Serba-Serbi Soal Virgin Atlantic, Merek Dagang Milik Sir Richard Branson yang Mendunia!

Richard Brenson dan Awak Virgin. Sumber: sbs.com.au

Siapa sih yang tidak kenal maskapai Virgin Atlantic? Ya, merk dagang besotan Sir Richard Brenson ini namanya memang sudah melanglang buana di seluruh penjuru dunia, tidak hanya di sektor aviasi saja. Besarnya nama Virgin Group yang merupakan induk perusahaan dari Virgin Atlantic, memaksa pihak maskapai untuk memberikan layanan prima di setiap penerbangannya. Salah satu yang menonjol adalah pembagian eskrim dan kopi bagi penumpang di kelas ekonomi rute tertentu. Ya, biasanya panganan gratis semacam ini hanya tersedia bagi penumpang kelas premium.

Baca Juga: Fakta Unik! Penerbangan Perdana British Airways Ternyata Hanya Membawa Satu Penumpang

Wah, kira-kira fakta unik apalagi ya yang terselip di balik nama besar Virgin Atlantic? Berikut KabarPenumpang.com rangkumkan fakta-fakta tersebut, dikutip dari laman gotravelyourway.com.

Tidak Bergabung Pada Aliansi Penerbangan Manapun
Berbeda dengan Garuda Indonesia yang tergabung ke dalam aliansi penerbangan Skyteam, Cathay Pacific dengan Oneworld, atau Lufthansa dengan Star Alliance-nya, Virgin Atlantic lebih memilih untuk tidak bergabung dengan aliansi penerbangan mana pun. Pihak Virgin Atlantic lebih condong menggunakan metode individual codeshare agreements dengan pihak maskapai lain.

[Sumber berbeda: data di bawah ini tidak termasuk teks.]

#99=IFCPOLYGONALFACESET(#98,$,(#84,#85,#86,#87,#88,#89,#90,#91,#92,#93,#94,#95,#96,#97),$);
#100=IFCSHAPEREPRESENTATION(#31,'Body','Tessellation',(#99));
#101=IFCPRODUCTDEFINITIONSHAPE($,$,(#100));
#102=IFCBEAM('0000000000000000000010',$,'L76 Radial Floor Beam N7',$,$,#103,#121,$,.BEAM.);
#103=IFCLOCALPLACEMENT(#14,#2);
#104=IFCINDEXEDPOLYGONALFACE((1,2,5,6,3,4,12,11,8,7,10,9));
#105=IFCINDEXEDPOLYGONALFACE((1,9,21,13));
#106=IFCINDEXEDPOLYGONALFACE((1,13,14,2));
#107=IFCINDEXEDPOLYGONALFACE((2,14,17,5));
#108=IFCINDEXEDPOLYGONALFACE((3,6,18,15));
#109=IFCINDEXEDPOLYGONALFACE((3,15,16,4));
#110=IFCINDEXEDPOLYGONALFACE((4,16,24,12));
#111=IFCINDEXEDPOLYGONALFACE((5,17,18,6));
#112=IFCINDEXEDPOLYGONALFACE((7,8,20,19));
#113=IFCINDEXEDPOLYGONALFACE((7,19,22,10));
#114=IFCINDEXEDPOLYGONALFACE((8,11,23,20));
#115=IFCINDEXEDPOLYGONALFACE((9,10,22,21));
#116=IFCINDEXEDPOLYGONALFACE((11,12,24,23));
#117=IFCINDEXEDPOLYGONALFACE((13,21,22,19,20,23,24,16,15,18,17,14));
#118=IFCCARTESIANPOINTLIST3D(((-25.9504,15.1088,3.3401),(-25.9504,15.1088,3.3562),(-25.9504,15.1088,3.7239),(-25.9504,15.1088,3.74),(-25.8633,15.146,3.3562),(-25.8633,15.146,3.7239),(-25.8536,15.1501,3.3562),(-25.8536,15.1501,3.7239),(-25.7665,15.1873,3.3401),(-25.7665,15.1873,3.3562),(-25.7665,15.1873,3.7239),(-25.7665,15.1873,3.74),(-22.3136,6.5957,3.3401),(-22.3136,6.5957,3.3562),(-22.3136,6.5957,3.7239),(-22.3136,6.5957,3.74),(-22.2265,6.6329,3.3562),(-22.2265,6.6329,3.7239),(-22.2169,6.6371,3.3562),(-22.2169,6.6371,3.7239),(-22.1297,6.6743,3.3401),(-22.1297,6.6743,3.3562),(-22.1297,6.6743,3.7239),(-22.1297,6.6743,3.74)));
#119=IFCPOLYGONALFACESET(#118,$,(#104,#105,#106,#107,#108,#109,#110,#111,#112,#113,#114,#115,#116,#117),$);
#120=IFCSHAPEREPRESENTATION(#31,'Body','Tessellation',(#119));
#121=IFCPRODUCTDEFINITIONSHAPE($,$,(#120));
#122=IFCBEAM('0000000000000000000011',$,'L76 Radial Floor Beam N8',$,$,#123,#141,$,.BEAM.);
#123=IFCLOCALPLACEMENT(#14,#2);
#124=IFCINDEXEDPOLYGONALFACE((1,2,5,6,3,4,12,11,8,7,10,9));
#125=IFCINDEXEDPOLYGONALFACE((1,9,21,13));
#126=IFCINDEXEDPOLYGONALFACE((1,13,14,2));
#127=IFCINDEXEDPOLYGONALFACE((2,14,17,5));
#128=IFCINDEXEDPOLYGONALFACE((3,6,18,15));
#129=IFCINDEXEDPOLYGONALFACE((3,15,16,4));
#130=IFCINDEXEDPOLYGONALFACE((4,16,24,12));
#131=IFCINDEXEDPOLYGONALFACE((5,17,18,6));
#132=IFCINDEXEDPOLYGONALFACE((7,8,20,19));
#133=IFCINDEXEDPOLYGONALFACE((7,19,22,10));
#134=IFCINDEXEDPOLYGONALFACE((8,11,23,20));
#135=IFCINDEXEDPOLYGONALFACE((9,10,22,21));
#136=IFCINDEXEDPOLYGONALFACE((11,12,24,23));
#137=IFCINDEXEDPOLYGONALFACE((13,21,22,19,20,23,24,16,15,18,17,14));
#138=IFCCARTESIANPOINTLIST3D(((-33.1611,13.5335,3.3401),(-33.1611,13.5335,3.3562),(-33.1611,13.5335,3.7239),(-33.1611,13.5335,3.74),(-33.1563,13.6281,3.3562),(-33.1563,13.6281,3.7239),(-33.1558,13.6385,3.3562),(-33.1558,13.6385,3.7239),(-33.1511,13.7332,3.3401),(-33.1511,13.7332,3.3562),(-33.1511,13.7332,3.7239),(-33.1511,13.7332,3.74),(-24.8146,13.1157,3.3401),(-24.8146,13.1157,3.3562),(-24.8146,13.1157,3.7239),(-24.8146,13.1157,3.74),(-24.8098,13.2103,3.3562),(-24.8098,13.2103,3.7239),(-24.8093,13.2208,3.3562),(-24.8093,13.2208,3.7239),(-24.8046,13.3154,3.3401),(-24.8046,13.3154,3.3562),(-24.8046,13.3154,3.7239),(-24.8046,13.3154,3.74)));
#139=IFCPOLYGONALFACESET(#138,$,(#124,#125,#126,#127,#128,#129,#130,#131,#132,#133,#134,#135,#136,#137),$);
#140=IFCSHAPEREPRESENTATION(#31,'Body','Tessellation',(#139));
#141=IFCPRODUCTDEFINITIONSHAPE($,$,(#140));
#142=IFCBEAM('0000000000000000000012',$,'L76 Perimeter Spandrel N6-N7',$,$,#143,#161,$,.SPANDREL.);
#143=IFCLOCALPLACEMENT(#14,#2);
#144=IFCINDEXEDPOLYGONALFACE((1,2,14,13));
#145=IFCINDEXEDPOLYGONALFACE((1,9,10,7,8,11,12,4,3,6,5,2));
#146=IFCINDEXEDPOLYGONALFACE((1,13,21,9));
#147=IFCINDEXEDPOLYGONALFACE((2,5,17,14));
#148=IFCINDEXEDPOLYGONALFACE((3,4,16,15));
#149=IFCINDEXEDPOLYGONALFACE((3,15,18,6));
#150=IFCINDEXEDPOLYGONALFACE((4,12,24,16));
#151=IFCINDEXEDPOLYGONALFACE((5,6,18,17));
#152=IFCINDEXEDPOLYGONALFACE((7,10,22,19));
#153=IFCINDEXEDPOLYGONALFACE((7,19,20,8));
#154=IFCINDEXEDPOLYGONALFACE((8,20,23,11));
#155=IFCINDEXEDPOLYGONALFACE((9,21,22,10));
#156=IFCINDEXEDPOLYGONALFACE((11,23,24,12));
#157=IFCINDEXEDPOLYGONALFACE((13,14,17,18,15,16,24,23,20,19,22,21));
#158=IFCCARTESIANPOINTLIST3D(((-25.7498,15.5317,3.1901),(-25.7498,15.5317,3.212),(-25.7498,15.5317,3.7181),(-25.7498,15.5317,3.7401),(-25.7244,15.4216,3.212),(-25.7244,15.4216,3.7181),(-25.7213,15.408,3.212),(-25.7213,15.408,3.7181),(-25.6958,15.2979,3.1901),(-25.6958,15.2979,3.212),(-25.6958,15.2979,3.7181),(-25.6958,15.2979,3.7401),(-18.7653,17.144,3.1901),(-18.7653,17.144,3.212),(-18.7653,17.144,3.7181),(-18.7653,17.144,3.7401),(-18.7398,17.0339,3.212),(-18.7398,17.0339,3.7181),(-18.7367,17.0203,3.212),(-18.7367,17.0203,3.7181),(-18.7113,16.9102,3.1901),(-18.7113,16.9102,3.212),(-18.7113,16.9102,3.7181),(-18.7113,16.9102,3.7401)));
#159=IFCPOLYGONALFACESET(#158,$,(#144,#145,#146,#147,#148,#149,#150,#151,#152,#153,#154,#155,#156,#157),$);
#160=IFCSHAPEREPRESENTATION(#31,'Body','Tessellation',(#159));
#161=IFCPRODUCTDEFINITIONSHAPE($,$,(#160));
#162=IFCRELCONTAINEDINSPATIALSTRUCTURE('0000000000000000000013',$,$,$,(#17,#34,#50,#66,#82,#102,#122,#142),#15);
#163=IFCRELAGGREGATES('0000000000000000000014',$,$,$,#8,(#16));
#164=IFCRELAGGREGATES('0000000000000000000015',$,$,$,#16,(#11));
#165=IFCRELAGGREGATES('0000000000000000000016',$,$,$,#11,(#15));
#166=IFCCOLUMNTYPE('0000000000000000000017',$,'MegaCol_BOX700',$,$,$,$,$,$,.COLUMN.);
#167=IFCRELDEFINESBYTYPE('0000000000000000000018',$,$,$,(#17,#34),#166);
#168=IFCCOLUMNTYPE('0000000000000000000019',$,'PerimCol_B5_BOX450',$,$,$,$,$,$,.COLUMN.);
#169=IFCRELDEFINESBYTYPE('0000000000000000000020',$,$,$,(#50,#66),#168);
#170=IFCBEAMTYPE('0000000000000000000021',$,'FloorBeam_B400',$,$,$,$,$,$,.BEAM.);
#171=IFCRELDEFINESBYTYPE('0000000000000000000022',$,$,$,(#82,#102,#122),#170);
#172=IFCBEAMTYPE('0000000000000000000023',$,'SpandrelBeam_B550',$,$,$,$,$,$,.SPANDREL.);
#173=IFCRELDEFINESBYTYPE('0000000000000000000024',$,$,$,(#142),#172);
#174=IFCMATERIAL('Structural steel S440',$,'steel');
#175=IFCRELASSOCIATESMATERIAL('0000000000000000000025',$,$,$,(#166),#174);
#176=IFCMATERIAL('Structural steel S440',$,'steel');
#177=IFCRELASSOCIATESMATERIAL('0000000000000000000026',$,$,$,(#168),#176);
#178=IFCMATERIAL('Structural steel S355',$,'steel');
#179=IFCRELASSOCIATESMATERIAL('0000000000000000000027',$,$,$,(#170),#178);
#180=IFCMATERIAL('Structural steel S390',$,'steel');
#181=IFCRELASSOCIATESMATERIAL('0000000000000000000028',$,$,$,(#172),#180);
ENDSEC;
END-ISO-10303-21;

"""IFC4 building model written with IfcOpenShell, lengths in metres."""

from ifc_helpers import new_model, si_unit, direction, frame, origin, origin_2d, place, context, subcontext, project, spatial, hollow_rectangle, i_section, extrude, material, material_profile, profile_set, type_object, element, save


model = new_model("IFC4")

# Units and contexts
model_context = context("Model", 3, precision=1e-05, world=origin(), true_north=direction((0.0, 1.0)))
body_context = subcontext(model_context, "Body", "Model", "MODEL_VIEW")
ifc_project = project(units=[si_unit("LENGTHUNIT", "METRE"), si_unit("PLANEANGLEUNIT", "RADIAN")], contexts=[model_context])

Mengoperasikan Penerbangan Transatlantik dari Lebih Banyak Kota di Inggris Daripada British Airways
Jika British Airways mengoperasikan penerbangan transatlantiknya dari hub Bandara Internasional Gatwick dan Bandara Internasional Heathrow, maka Virgin Atlantic memiliki hub tambahan yaitu di Bandara Internasional Manchester. Belum lagi pengoperasian berbagai rute point-to-point musiman dari kota-kota kecil di seluruh penjuru Australia. Tentu saja hal ini akan semakin mendongkrak pendapatan dari Virgin Atlantic.

Salah Satu Operator Terakhir dari Airbus A340-600
Kerap kali dideru masalah teknis, dan berkembangnya stigma tentang ukuran pesawat yang terlalu besar, beban pesawat yang terlalu berat ketika taxi, hingga penggunaan bahan bakar yang tidak efisien membuat sejumlah maskapai enggan menggunakan jasa A340-600 ini lagi. Sebenarnya, pihak Virgin pun merasakan hal yang sama, namun karena satu dua alasan, akhirnya pihak maskapai harus menunggu hingga bisa sepenuhnya ‘meremajakan’ armada Airbus A340-600.

Baca Juga: Ini Fakta yang Mungkin Belum Anda Ketahui dari Delta Airlines

Punya Cabang!
Ya, seperti yang sudah disebutkan di atas, merk dagang Virgin ini sudah mendunia. Wajar jika Anda menemukan nama Virgin di tempat lain. Sebut saja salah satu maskapai asal Australia dengan nama Virgin Australia, di Nigeria dengan nama Virgin Nigeria Airways (berganti nama menjadi Nigerian Eagle Airways pada tahun 2009), dan Virgin America di Negeri Paman Sam.